6 Ekim 2010

VATEL ABİİİ! KURTAR BİZİ!

Korkularım çeşitlidir, lakin akşamın şu saatlerinde bilgisayar başında kaptırmış yazarken kapının açılıp da birisinin beni şu mevcut halde görmesi korkudan geçip fobi olmuştur. Hazırsanız sayıyorum: Spor salonu için alınmış, lakin artık akrabadan yakın olduğum sportif dostları korkutmamak için bir kez bile salonda giyilmemiş fiyonklu mor bir eşofman, Sardinya’dan bir “Çinci” dükkânından tam tamına 3 yuvvvroya alınmış bambu tabanlı allı pullu terlikler, bunu imansızca tamamlayan kırmızı çoraplar, 80’lere ihanet etmeden tepeye takılmış bir “dolma” tokası… Bu halimle biri görse bir daha hiç arkadaşım kalmaz, kesin. Ne zamandır şöyle lezzetli bir hayal besledim. Kamerayla sevdiğimiz yazarlar, müzisyenler, akademisyenler, vs’nin kapısına tam bu saatlerde dayanacağız, onları ev halleriyle basıp ballı bir sohbet yapacağız. Nasıl fikir ama?
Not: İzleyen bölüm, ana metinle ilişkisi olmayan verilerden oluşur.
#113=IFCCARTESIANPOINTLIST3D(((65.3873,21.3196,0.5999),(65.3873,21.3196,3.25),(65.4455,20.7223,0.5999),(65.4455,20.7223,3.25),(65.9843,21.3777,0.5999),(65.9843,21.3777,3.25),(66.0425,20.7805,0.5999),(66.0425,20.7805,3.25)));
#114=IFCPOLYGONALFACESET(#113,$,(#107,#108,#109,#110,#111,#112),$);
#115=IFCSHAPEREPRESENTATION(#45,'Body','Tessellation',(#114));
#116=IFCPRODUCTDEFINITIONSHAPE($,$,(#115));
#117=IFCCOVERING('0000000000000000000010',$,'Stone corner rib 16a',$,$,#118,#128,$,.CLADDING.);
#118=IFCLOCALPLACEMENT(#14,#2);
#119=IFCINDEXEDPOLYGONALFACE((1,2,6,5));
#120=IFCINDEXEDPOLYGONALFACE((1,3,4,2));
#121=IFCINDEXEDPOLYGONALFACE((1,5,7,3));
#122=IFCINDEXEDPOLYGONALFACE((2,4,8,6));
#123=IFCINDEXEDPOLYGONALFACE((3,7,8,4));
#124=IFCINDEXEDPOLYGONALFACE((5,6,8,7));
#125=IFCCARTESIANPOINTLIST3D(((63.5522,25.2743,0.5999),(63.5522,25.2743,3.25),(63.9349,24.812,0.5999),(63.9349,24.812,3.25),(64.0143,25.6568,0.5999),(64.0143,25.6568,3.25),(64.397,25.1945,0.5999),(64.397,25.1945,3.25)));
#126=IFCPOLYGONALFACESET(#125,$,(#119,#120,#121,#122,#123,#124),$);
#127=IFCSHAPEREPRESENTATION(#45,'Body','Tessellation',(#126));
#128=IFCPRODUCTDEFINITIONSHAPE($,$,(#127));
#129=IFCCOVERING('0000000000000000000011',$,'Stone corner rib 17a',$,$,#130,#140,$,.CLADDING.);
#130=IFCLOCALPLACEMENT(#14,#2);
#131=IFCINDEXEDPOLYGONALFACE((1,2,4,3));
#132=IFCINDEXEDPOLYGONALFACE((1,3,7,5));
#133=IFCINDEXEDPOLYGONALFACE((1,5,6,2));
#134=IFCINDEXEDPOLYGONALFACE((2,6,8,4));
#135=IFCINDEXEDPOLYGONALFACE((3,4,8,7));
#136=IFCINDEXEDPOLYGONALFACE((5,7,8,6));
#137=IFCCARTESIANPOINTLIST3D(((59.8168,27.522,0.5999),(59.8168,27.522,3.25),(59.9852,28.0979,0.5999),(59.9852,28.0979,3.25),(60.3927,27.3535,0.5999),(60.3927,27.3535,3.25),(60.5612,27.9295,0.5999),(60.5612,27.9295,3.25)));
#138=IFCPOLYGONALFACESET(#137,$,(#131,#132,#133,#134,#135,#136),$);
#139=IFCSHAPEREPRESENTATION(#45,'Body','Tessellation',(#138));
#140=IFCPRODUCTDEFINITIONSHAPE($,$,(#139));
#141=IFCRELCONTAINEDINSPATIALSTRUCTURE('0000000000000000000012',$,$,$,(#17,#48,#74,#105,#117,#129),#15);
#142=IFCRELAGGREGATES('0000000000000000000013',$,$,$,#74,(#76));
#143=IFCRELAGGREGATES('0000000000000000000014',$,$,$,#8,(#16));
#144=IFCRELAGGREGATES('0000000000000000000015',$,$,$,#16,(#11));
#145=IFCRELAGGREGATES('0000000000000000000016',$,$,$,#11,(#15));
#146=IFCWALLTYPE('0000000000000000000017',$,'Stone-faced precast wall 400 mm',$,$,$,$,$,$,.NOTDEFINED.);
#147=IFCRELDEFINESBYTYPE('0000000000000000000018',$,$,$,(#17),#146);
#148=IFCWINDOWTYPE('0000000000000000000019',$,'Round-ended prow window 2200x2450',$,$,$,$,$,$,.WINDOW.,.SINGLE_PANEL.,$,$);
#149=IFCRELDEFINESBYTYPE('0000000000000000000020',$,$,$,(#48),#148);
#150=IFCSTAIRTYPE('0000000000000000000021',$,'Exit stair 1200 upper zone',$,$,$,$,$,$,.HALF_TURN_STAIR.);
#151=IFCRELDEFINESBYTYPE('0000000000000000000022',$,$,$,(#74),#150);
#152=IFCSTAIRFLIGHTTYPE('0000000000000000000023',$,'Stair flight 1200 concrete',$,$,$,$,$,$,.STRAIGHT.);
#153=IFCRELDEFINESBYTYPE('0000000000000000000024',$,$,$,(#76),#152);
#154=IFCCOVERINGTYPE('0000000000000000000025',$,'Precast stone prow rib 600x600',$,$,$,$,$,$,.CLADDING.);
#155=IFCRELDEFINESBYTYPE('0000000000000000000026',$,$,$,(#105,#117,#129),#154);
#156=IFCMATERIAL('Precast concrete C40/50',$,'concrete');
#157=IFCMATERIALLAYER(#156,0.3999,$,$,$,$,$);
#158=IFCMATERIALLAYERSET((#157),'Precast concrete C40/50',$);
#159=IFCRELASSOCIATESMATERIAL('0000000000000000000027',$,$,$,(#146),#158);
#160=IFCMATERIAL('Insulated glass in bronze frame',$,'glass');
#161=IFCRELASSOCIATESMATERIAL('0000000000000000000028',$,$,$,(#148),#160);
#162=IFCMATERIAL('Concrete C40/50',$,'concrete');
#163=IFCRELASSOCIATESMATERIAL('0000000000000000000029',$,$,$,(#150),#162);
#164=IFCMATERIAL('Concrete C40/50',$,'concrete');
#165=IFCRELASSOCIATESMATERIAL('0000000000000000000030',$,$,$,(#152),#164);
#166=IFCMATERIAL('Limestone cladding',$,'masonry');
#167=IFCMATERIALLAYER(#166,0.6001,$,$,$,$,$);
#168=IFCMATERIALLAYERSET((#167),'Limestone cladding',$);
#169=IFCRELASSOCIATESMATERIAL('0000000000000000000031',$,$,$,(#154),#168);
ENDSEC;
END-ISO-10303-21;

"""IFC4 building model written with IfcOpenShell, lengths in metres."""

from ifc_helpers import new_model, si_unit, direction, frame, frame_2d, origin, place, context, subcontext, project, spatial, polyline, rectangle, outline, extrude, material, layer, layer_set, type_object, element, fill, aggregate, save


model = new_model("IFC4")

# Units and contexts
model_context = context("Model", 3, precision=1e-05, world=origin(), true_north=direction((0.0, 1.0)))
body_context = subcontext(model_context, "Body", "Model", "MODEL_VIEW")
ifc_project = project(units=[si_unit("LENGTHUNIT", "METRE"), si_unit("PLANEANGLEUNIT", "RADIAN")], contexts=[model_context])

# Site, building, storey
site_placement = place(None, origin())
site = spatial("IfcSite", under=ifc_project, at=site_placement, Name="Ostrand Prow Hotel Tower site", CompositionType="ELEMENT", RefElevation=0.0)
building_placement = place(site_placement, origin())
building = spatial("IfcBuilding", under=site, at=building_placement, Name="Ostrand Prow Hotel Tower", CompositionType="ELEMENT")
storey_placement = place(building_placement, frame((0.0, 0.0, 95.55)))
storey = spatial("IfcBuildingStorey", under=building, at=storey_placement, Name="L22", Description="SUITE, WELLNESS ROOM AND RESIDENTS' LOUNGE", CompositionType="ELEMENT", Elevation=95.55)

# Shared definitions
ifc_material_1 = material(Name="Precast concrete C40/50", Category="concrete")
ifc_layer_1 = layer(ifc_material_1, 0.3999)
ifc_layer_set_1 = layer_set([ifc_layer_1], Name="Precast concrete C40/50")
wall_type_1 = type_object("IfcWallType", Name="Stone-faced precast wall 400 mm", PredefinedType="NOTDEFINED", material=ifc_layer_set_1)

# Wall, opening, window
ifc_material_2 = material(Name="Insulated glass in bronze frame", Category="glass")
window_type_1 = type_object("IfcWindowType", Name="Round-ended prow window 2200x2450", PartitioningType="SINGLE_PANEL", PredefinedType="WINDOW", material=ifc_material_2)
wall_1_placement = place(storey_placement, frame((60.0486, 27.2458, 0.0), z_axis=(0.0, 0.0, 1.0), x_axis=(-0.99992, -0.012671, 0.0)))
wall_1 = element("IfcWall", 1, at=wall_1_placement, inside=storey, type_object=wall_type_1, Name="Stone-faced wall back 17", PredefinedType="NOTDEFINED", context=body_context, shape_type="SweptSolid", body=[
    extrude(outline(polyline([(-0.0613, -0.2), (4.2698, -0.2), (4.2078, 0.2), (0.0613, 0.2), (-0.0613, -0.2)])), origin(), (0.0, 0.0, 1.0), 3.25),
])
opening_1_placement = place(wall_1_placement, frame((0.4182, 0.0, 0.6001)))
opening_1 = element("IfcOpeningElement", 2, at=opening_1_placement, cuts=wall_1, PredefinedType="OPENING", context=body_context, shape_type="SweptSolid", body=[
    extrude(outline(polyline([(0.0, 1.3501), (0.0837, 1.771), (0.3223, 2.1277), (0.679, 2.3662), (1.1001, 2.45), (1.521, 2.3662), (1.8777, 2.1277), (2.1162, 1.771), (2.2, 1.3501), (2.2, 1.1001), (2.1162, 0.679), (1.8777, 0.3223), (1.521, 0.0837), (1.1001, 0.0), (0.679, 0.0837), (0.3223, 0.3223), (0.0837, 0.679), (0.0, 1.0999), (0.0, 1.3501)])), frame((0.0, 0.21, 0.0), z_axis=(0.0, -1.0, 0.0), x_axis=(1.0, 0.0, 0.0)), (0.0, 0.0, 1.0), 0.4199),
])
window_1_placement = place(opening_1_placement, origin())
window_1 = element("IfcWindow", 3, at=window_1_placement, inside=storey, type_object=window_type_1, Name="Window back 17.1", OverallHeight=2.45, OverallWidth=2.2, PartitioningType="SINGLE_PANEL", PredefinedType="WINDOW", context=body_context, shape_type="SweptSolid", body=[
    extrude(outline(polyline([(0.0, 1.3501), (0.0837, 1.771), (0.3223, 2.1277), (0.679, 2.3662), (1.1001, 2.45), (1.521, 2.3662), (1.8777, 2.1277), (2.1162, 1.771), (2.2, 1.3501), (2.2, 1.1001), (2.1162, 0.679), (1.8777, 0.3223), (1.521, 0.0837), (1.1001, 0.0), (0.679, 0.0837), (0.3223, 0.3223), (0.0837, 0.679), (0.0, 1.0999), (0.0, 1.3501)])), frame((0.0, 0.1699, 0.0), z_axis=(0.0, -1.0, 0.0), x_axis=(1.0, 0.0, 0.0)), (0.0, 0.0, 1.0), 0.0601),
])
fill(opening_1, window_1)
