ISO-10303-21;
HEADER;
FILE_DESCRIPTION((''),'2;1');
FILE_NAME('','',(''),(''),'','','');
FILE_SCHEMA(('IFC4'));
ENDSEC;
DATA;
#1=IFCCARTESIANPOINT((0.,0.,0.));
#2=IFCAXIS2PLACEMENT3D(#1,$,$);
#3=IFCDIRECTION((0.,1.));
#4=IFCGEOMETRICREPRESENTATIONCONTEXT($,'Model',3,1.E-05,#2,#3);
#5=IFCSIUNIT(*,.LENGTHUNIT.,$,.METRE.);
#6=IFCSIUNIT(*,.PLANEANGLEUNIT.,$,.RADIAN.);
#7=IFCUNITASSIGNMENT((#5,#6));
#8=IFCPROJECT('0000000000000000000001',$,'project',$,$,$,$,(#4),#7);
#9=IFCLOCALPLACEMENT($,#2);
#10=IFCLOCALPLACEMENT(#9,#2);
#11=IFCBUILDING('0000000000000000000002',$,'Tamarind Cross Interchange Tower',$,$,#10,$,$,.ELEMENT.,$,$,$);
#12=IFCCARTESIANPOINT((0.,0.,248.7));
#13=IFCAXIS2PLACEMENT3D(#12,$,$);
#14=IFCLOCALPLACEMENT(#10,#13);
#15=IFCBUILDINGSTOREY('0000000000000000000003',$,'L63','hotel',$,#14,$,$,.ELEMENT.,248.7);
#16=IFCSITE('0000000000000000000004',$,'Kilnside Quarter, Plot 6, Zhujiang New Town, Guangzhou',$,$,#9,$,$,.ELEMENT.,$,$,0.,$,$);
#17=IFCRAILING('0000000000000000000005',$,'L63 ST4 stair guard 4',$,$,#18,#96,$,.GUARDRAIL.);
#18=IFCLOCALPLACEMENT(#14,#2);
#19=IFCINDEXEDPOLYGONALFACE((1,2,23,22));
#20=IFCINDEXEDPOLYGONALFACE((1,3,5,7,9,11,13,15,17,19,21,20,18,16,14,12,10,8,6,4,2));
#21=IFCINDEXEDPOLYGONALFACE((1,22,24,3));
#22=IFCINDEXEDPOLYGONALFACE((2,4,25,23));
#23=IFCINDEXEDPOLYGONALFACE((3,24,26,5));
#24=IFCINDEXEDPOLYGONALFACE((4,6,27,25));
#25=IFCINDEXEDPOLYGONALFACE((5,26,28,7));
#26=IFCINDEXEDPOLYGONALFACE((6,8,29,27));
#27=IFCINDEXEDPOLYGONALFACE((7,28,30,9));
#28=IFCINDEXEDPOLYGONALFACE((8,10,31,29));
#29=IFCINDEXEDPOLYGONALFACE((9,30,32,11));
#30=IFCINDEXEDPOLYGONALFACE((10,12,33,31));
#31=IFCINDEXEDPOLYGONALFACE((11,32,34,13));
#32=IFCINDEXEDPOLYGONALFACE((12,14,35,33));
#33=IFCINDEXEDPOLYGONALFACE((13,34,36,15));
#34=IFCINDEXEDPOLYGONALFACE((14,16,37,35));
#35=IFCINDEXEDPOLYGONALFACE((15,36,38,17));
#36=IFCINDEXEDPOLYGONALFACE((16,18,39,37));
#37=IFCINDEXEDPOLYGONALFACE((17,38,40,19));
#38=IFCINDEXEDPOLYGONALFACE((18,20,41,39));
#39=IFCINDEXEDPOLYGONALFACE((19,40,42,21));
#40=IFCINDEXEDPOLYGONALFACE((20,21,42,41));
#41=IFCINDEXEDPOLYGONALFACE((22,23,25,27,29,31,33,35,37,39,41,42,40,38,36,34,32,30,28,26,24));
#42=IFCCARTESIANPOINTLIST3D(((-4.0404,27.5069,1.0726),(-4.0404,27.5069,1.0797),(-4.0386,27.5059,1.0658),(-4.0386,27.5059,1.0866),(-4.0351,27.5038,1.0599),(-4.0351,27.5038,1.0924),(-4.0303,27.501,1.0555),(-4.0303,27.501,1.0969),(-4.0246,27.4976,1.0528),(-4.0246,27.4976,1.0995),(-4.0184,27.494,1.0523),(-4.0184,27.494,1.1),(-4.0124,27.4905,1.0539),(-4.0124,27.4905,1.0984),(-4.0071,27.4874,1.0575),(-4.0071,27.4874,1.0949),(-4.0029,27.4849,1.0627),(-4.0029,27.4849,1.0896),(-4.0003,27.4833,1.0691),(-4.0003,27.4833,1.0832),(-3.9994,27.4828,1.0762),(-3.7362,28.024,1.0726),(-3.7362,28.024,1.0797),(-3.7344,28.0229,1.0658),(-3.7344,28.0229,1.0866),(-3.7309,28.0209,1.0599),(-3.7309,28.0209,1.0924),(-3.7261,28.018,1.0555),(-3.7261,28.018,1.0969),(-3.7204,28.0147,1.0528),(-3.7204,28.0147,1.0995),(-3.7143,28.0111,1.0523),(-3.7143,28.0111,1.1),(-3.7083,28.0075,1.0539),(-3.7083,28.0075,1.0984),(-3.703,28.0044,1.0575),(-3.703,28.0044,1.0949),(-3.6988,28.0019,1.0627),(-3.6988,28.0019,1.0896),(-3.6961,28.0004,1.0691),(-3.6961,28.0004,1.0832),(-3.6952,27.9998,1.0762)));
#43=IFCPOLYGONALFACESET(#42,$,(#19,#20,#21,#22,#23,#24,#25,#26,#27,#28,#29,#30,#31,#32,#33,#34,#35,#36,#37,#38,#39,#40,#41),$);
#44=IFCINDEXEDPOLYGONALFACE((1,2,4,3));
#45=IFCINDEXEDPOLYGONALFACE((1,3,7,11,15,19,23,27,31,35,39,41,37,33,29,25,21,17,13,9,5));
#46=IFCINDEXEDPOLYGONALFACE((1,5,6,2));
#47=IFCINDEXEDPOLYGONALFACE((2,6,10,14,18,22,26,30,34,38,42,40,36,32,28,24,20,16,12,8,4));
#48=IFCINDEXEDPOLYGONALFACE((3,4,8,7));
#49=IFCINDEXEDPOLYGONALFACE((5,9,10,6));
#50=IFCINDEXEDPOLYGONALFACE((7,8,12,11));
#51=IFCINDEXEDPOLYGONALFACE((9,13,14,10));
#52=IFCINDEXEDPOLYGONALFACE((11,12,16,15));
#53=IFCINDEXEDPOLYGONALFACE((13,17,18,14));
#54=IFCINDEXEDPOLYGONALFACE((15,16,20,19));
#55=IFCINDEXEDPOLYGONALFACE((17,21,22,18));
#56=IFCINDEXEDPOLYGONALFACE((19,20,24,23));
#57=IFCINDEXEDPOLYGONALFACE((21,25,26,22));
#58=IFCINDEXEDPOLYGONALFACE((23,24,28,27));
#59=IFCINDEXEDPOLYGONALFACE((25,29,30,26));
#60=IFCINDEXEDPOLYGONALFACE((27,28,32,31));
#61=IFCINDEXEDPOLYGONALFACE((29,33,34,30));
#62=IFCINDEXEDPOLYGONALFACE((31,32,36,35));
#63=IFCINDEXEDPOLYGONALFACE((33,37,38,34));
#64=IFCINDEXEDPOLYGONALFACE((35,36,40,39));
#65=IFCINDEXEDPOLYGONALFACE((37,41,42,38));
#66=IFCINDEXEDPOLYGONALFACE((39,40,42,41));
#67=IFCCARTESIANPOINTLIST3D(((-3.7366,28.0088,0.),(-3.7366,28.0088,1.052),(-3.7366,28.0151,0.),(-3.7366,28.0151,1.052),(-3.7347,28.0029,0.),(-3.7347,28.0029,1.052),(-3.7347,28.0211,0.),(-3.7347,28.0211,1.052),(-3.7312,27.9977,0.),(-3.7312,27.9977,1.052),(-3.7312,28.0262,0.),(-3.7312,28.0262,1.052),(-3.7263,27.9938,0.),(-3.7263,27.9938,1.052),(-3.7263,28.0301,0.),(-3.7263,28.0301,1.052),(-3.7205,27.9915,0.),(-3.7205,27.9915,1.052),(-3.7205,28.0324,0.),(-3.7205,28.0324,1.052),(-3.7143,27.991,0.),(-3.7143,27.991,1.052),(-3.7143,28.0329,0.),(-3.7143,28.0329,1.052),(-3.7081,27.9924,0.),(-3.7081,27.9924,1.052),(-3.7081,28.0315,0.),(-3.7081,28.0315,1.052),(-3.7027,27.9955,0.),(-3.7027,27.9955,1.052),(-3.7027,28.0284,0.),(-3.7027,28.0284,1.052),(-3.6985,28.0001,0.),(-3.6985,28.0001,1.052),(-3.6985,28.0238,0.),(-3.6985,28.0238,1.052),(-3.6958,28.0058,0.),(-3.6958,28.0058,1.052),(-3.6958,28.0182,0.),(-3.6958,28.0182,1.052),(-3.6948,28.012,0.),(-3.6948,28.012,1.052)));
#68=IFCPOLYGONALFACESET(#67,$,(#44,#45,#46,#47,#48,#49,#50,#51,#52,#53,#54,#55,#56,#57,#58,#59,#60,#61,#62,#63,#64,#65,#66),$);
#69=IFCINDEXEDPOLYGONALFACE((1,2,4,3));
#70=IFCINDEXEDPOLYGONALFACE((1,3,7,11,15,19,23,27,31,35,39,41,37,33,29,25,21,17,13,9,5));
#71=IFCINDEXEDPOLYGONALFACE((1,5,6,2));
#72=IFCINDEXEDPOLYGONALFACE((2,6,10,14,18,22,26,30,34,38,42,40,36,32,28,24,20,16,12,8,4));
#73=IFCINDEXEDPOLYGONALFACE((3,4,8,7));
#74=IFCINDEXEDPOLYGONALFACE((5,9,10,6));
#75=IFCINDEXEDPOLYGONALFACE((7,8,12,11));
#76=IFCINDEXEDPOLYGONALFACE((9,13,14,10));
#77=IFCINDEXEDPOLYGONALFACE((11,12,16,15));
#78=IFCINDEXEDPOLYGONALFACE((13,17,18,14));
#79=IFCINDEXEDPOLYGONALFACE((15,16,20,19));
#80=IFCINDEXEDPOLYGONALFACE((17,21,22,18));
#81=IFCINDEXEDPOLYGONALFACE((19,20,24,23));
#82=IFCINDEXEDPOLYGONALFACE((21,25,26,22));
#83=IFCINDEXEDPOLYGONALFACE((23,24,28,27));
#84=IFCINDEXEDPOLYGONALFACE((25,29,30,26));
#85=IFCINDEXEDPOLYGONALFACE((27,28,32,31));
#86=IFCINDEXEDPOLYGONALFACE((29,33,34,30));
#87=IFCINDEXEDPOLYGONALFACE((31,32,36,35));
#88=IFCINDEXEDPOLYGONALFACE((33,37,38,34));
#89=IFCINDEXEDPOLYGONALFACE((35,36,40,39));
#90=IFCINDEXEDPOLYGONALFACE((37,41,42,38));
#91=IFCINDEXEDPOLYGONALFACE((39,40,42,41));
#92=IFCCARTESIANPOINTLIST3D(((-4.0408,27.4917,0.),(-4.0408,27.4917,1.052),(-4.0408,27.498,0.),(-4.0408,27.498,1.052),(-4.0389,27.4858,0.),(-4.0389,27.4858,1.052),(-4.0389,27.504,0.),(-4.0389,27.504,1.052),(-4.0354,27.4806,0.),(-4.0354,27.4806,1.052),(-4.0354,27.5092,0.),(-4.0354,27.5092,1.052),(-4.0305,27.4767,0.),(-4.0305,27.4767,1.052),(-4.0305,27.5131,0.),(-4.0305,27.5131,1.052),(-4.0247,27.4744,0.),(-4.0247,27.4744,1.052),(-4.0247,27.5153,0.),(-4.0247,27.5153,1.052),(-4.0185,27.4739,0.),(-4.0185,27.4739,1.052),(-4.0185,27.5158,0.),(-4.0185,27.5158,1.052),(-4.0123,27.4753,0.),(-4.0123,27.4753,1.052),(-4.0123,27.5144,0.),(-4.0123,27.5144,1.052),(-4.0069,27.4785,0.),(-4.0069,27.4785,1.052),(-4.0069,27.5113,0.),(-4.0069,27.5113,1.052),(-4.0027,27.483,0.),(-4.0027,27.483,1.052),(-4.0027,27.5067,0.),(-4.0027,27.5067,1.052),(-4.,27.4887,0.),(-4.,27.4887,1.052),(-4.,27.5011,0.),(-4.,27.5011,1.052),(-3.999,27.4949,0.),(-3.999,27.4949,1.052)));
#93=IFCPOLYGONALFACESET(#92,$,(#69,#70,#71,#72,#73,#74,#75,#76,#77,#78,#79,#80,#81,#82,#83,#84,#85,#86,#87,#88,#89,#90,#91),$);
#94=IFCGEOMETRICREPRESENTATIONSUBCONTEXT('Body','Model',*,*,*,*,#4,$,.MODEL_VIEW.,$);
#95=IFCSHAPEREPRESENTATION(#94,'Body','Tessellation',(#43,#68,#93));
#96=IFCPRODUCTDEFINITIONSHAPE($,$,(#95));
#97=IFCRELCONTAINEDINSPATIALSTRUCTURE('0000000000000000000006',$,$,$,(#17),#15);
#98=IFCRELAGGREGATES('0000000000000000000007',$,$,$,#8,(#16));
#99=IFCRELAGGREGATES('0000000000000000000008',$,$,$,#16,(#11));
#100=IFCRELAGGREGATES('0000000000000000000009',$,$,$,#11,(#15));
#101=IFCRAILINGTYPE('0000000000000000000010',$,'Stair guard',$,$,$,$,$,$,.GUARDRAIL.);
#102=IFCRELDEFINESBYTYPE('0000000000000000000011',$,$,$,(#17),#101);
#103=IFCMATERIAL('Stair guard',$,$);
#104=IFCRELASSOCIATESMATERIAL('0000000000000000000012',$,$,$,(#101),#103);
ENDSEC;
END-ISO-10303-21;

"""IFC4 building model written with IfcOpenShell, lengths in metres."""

from ifc_helpers import new_model, si_unit, direction, frame, origin, origin_2d, place, context, subcontext, project, spatial, circle, extrude, material, type_object, element, save


model = new_model("IFC4")

# Units and contexts
model_context = context("Model", 3, precision=1e-05, world=origin(), true_north=direction((0.0, 1.0)))
body_context = subcontext(model_context, "Body", "Model", "MODEL_VIEW")
ifc_project = project(units=[si_unit("LENGTHUNIT", "METRE"), si_unit("PLANEANGLEUNIT", "RADIAN")], contexts=[model_context])

# Site, building, storey
site_placement = place(None, origin())
site = spatial("IfcSite", under=ifc_project, at=site_placement, Name="Kilnside Quarter, Plot 6, Zhujiang New Town, Guangzhou", CompositionType="ELEMENT", RefElevation=0.0)
building_placement = place(site_placement, origin())
building = spatial("IfcBuilding", under=site, at=building_placement, Name="Tamarind Cross Interchange Tower", CompositionType="ELEMENT")
storey_placement = place(building_placement, frame((0.0, 0.0, 248.7)))
storey = spatial("IfcBuildingStorey", under=building, at=storey_placement, Name="L63", Description="hotel", CompositionType="ELEMENT", Elevation=248.7)

# Railing
ifc_material_1 = material(Name="Stair guard")
railing_type_1 = type_object("IfcRailingType", Name="Stair guard", PredefinedType="GUARDRAIL", material=ifc_material_1)
railing_1_placement = place(storey_placement, frame((-3.7158, 28.012, 0.0)))
element("IfcRailing", 1, at=railing_1_placement, inside=storey, type_object=railing_type_1, Name="L63 ST4 stair guard 4", PredefinedType="GUARDRAIL", context=body_context, shape_type="SweptSolid", body=[
    extrude(circle(Radius=0.0239, at=origin_2d()), frame((0.0, 0.0, 1.0762), z_axis=(-0.507056, -0.861913, 0.0), x_axis=(0.861913, -0.507056, 0.0)), (0.0, 0.0, 1.0), 0.5999),
    extrude(circle(Radius=0.021, at=origin_2d()), origin(), (0.0, 0.0, 1.0), 1.052),
    extrude(circle(Radius=0.021, at=origin_2d()), frame((-0.3042, -0.5171, 0.0)), (0.0, 0.0, 1.0), 1.052),
])

save(model, "model.ifc")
Her zamanki gibi biraz çalışayım hayalleriyle eve gelip kendimi filme verdim. Çocuklara “History of Food” dersinde göstermeden önce bir kez daha izleyeyim diye koltuğu yiyecekle donatıp Vatel’i koydum. Çıktığı yıl İspanya’da tarihçi arkadaşlarla sinemada izlemiş ve “vay anasını, Fransızlar hala majestik tarih filmlerinde bir numara” diyerek çıkmıştık salondan. Ondan sonra da bu kalitede bir tarih filmi görmedim zaten. Hâlâ izlemediyseniz, ne kaçırdığınızın farkında değilsiniz demektir. Gerçek bir hikâye anlatır film. Efendim, François Vatel, XIV. Louis’yi Cantilliy şatosunda ağırlayarak Hollandalılara karşı yapılacak savaşta fiyakalı bir yer almak isteyen Condé’nin "Maître d'hôtel" (maestro de ceremonias) idir. Filmdeki çevirisi iğrençti, ben ise hâlâ fiyakalı bir Türkçe sözcük bulamadım bu görev için. Şimdilik şölen sorumlusu diyelim. Vatel artık bizim memlekette bulunmayan şeref ve haysiyet sahibi, inatçı, işini mükemmelen yapan, yaratıcı, zeki, ufff, sıfatların yetmediği bir erkektir işte. Kralın yeni gözdesi Anne de Montausier (Uma Thurman pek bir başarılıdır bu rolde) iğrenç saray ortamında bunu fark eder ve koskoca Fransa’da hiçbir şeyden korkmayan, kendisini çağıran krala “işim var, gelemem” diyen, Paris’ten gelen camlar kırılınca balkabağından fenerler yapıp “Hint işi bunlar” diyerek kralı bile kekleyecek kadar zeki olan Vatel’e âşık olur. Filmi bulun seyredin, beni de yormayın anacım. Ama pislik olsun diye size sonunu anlatacağım: yeniden kralın yatağına çağrılan Anne de Montausier’nin tıpış tıpış gitmesi üzerine intihar eder Vatel. Lakin, Anne de onun vasiyetini yerine getirerek sarayı bırakıp kiraz ağaçları içinde bir köye çekilir. Ben kendi adıma filmden ne mi çıkardım akşam akşam? Birisine hayran olacaksınız, bu insanın film kahramanı olmasına dikkat edin. Çünkü gerçek hayatın kahramanları hep kof çıkıyor anacım. Memleketimiz malum Distopya. Bu arada krem şanti’nin mucidi de Vatel’dir. Chantilliy Şatosu’nda icat ettiği için bu adla anılır. Filmde bu sahne de mevcut. Uşağına “soran olursa, güneyden bir tarif dersin”, der. Hollanda’yla savaş kararını vermeye çalışan XIV. Louis yalana yalana krem şanti yer masanın başında.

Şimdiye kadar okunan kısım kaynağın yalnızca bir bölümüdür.